The aim of this phase II study was to determine the efficacy and tolerability of the bimonthly, pharmacokinetically intensified LV5FU2 regimen in the treatment of metastatic colorectal cancers.

Methods

A total of 53 patients (23% second-line; 25 male/28 female; mean age 67 years; WHO performance status 0 in 38, 1 in 10 and 2 in 5) were treated in cycle 1 with the standard LV5FU2 regimen (leucovorin 200 mg/m2 per day followed by a 5-FU bolus 400 mg/m2 per day and a 22-h 5-FU continuous infusion 600 mg/m2 per day for two consecutive days every 2 weeks), and the AUC in mg·h/l·m2 was calculated.
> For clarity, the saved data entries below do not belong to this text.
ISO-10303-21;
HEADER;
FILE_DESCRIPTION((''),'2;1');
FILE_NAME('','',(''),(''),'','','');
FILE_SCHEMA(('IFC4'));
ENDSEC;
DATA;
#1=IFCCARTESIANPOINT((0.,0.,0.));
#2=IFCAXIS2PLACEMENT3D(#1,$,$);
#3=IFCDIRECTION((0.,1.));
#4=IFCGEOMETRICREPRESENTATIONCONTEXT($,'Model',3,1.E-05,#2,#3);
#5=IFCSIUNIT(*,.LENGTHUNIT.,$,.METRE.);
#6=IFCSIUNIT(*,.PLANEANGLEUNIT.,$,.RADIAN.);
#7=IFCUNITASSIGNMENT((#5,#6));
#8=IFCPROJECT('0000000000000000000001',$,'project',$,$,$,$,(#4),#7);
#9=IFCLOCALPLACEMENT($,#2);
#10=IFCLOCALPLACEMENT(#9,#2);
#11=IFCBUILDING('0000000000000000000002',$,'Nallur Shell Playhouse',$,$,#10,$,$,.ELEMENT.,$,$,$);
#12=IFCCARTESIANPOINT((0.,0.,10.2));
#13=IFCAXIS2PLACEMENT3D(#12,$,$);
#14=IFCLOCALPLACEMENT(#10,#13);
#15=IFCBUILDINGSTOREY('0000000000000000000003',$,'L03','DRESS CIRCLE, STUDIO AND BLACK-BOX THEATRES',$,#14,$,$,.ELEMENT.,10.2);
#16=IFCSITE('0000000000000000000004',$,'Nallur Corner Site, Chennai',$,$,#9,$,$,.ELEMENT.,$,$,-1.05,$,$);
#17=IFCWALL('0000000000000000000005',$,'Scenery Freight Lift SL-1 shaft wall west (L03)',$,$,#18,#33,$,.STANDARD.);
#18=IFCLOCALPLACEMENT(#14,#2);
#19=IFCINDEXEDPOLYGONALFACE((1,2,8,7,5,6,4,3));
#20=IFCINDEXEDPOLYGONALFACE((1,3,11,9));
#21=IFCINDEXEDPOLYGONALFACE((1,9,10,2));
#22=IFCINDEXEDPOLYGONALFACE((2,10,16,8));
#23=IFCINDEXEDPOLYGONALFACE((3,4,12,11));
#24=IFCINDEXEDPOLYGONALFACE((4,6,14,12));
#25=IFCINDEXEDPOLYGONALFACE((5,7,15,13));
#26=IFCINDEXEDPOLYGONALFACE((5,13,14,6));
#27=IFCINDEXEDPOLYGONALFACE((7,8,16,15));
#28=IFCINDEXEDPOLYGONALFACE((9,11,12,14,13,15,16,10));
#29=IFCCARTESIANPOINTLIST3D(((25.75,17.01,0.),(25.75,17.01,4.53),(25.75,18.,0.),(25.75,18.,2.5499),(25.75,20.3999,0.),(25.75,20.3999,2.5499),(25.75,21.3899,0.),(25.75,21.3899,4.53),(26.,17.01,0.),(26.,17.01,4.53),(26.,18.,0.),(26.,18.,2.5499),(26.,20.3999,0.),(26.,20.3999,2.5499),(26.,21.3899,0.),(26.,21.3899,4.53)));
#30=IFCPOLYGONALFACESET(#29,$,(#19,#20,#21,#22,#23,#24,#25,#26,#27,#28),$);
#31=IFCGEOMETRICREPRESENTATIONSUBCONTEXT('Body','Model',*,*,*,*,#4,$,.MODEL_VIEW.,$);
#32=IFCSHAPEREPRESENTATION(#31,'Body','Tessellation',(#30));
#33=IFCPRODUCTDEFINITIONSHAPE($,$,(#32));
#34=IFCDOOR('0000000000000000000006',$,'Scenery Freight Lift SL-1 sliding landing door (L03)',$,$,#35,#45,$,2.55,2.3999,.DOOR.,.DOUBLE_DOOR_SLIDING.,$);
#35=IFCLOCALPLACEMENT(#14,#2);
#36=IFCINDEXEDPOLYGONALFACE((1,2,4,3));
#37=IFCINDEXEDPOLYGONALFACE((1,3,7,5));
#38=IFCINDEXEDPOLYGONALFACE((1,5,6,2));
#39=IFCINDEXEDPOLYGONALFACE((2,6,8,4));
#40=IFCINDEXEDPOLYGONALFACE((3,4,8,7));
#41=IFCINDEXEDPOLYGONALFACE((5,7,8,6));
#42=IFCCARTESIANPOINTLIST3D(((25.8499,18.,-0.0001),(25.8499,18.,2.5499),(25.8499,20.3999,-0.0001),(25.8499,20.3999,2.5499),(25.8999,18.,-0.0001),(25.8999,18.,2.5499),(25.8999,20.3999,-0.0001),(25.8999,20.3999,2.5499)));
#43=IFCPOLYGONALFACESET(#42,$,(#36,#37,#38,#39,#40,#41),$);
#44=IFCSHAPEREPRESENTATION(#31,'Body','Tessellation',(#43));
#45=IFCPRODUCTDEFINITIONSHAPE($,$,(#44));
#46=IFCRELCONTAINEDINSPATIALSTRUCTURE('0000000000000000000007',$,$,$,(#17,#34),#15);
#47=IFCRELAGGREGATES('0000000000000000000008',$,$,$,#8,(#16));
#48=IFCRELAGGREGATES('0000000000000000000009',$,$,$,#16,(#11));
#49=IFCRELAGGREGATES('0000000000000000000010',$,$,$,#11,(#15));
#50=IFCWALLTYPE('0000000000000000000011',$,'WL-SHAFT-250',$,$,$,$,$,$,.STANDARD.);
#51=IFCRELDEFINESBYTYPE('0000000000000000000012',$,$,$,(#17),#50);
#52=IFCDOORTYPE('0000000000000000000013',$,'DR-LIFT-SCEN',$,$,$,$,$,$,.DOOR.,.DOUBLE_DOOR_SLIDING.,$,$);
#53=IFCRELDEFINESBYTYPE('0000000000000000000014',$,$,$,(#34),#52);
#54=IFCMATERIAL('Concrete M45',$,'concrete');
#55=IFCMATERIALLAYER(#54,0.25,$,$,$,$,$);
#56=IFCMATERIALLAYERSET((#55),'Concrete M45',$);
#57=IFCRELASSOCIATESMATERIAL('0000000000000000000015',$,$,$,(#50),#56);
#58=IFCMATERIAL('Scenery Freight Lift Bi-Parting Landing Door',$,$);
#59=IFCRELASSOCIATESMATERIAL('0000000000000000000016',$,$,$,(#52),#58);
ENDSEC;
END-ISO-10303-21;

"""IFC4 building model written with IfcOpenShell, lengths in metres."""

from ifc_helpers import new_model, si_unit, direction, frame, frame_2d, origin, place, context, subcontext, project, spatial, rectangle, extrude, material, layer, layer_set, type_object, element, fill, save


model = new_model("IFC4")

# Units and contexts
model_context = context("Model", 3, precision=1e-05, world=origin(), true_north=direction((0.0, 1.0)))
body_context = subcontext(model_context, "Body", "Model", "MODEL_VIEW")
ifc_project = project(units=[si_unit("LENGTHUNIT", "METRE"), si_unit("PLANEANGLEUNIT", "RADIAN")], contexts=[model_context])

# Site, building, storey
site_placement = place(None, origin())
site = spatial("IfcSite", under=ifc_project, at=site_placement, Name="Nallur Corner Site, Chennai", CompositionType="ELEMENT", RefElevation=-1.05)
building_placement = place(site_placement, origin())
building = spatial("IfcBuilding", under=site, at=building_placement, Name="Nallur Shell Playhouse", CompositionType="ELEMENT")
storey_placement = place(building_placement, frame((0.0, 0.0, 10.2)))
storey = spatial("IfcBuildingStorey", under=building, at=storey_placement, Name="L03", Description="DRESS CIRCLE, STUDIO AND BLACK-BOX THEATRES", CompositionType="ELEMENT", Elevation=10.2)

# Shared definitions
ifc_material_1 = material(Name="Concrete M45", Category="concrete")

# Wall, opening, door
ifc_layer_1 = layer(ifc_material_1, 0.25)
ifc_layer_set_1 = layer_set([ifc_layer_1], Name="Concrete M45")
wall_type_1 = type_object("IfcWallType", Name="WL-SHAFT-250", PredefinedType="STANDARD", material=ifc_layer_set_1)
wall_1_placement = place(storey_placement, frame((25.875, 21.3899, 0.0), z_axis=(0.0, 0.0, 1.0), x_axis=(0.0, -1.0, 0.0)))
wall_1 = element("IfcWall", 1, at=wall_1_placement, inside=storey, type_object=wall_type_1, Name="Scenery Freight Lift SL-1 shaft wall west (L03)", PredefinedType="STANDARD", context=body_context, shape_type="SweptSolid", body=[
    extrude(rectangle(XDim=4.3799, YDim=0.25, at=frame_2d((2.1899, 0.0))), origin(), (0.0, 0.0, 1.0), 4.53),
])
opening_1_placement = place(wall_1_placement, frame((0.99, 0.0, 0.0)))
opening_1 = element("IfcOpeningElement", 2, at=opening_1_placement, cuts=wall_1, PredefinedType="OPENING", context=body_context, shape_type="SweptSolid", body=[
    extrude(rectangle(XDim=2.3999, YDim=2.55, at=frame_2d((1.2, 1.2749))), frame((0.0, 0.135, 0.0), z_axis=(0.0, -1.0, 0.0), x_axis=(1.0, 0.0, 0.0)), (0.0, 0.0, 1.0), 0.27),
])
ifc_material_2 = material(Name="Scenery Freight Lift Bi-Parting Landing Door")
door_type_1 = type_object("IfcDoorType", Name="DR-LIFT-SCEN", OperationType="DOUBLE_DOOR_SLIDING", PredefinedType="DOOR", material=ifc_material_2)
door_1_placement = place(opening_1_placement, origin())
door_1 = element("IfcDoor", 3, at=door_1_placement, inside=storey, type_object=door_type_1, Name="Scenery Freight Lift SL-1 sliding landing door (L03)", OperationType="DOUBLE_DOOR_SLIDING", OverallHeight=2.55, OverallWidth=2.3999, PredefinedType="DOOR", context=body_context, shape_type="SweptSolid", body=[
    extrude(rectangle(XDim=2.3999, YDim=2.55, at=frame_2d((1.2, 1.2749))), frame((0.0, 0.0249, 0.0), z_axis=(0.0, -1.0, 0.0), x_axis=(1.0, 0.0, 0.0)), (0.0, 0.0, 1.0), 0.05),
])
fill(opening_1, door_1)

save(model, "model.ifc")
For cycle 2, according to a predefined schedule depending on the cycle-1 AUC value, in the absence of grade 3 toxicity, the 5-FU infusion dose was increased by 150% for AUC ≤5, by 100% for AUC >5–10, by 50% for AUC >10–15, and by 25% for AUC >15–20. 5-FU plasma concentrations were determined using high-performance liquid chromatography. A Bayesian methodology was used to assess individual pharmacokinetic parameters using the NONMEM computer program.

Results

Among the 53 eligible patients, 87% (per-protocol population) received an increased dose in cycle 2 and 72% received the same dose. The median relative dose intensity was 1.28 (range 0.5–1.54) compared with the non-adapted theoretical total 5-FU dose. The objective response rate was 37% (95% CI 23–50%) in the intention-to-treat population and 47% (95% CI 29–65%) in the first-line per-protocol population. The median response duration was 10.4 months. The median progression-free survival (PFS) and overall survival (OS) were, respectively, 7 and 18.6 months. PFS and OS in first-line per-protocol patients were, respectively, 9.2 and 20 months. No deaths were attributed to toxicity of 5-FU despite the high doses administered. Of the 53 patients, 19% experienced gastrointestinal and 30% haematological grade 3/4 toxicities. Hand-foot syndrome was common but mild (grade 3 in one patient).

Conclusions

This strategy could be compared in a phase III trial with the standard LV5FU2 regimen.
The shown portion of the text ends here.